If the U.S. was at war for 72,000 years, at the current rate of casualties, over the next 700 centuries, George Bush will be directly or indirectly responsible for the pointless deaths of more than 56.4 million young men and women.
The current population of the United Kingdom is 60 million. The present population of Italy is also around 60 million inhabitants. The state of California, according to a 2006 U.S. census, estimates the current populace to reside at around 36 million.
Now, imagine a war that would take the lives of every single individual who lives in Italy or the U.K. A combat mission that is so immense and long-lasting that it would kill off the state of California nearly twice over again.
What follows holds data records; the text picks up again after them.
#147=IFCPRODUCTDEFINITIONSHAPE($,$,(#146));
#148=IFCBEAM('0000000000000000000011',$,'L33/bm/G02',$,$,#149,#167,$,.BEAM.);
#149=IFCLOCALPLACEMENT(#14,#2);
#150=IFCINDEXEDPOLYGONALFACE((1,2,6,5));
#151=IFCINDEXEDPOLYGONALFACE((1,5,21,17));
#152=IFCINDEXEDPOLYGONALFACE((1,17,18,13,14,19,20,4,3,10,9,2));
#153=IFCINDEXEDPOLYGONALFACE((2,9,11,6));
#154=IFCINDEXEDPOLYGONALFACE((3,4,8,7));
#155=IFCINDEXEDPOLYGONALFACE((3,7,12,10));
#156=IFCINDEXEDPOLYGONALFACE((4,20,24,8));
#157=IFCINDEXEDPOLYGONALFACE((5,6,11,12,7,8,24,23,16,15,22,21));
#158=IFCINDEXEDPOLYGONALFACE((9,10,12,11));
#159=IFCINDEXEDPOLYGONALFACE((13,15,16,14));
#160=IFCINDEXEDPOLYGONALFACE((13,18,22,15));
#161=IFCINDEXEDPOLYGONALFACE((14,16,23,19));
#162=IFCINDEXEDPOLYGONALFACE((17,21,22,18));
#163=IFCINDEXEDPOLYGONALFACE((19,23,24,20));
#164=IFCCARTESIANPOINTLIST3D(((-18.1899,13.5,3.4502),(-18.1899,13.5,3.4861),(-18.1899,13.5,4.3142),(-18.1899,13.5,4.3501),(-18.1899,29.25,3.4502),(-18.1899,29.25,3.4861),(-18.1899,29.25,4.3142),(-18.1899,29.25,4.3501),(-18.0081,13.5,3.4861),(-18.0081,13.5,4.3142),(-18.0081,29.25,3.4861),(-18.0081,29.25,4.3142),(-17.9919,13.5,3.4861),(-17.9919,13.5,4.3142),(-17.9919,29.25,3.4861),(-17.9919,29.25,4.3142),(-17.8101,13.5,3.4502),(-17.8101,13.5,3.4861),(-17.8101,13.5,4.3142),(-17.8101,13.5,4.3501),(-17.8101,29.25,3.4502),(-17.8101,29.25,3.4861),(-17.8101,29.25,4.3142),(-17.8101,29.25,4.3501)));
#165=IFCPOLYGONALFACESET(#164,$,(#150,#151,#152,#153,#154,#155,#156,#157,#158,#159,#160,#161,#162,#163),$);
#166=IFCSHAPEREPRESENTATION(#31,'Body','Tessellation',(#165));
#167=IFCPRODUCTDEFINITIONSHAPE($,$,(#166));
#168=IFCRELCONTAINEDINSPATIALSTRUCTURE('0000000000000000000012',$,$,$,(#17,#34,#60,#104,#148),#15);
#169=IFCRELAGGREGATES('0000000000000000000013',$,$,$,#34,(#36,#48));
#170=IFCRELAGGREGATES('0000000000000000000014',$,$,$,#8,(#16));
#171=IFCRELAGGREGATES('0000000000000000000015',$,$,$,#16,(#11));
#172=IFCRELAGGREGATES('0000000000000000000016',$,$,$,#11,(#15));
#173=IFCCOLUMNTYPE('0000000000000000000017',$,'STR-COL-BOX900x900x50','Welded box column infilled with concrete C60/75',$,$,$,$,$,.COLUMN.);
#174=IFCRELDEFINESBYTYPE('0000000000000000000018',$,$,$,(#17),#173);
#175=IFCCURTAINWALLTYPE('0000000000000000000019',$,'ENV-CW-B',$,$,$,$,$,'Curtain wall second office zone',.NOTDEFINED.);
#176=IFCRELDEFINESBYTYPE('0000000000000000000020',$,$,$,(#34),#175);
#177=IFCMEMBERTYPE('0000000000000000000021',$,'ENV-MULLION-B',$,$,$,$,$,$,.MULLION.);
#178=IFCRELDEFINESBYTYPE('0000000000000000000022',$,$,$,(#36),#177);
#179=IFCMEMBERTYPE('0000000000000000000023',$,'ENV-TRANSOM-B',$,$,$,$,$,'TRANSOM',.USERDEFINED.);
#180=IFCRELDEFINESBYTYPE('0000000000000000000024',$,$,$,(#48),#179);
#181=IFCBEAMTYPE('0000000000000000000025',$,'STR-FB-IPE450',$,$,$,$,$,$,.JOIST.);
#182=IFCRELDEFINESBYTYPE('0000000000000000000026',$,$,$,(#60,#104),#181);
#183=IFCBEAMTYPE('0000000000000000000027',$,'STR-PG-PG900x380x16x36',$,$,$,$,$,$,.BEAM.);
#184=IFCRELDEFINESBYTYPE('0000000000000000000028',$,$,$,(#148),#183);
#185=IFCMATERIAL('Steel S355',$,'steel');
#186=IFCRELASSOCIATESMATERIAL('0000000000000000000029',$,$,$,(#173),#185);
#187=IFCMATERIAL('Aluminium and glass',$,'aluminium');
The above comparisons and analogies might strike a certain cord of hyperbole, but so does the idiotic notion that the people of New Orleans have won a massive welfare lottery as victims vis-à-vis of an enormous natural disaster, yet the proposed government relief is somehow a reprehensible response to people and a city truly in need.
The immeasurable, oppressive expenditure of Bush’s wars is a growing and substantial danger to the future financial security of our nation that now measures into the trillions of dollars. They are also acts of unconscionable bloodshed conjured up by sadistic war profiteers through ginned-up intelligence in order to line the coffers of corporate welfare recipients; beneficiaries of obscene private profits and grotesque public losses—both in blood and treasure.
Iraq is Bush's madness and Bush's infamy, but we are the ones who will pay for it, and the next 2,400 generations of Americans that will follow us. Then again, when former White House Press Secretary, the late Tony Snow, was asked on the grisly anniversary that marked the 2,000th soldier killed in Iraq, in October of 2005, he coldly replied, “It’s just a number.”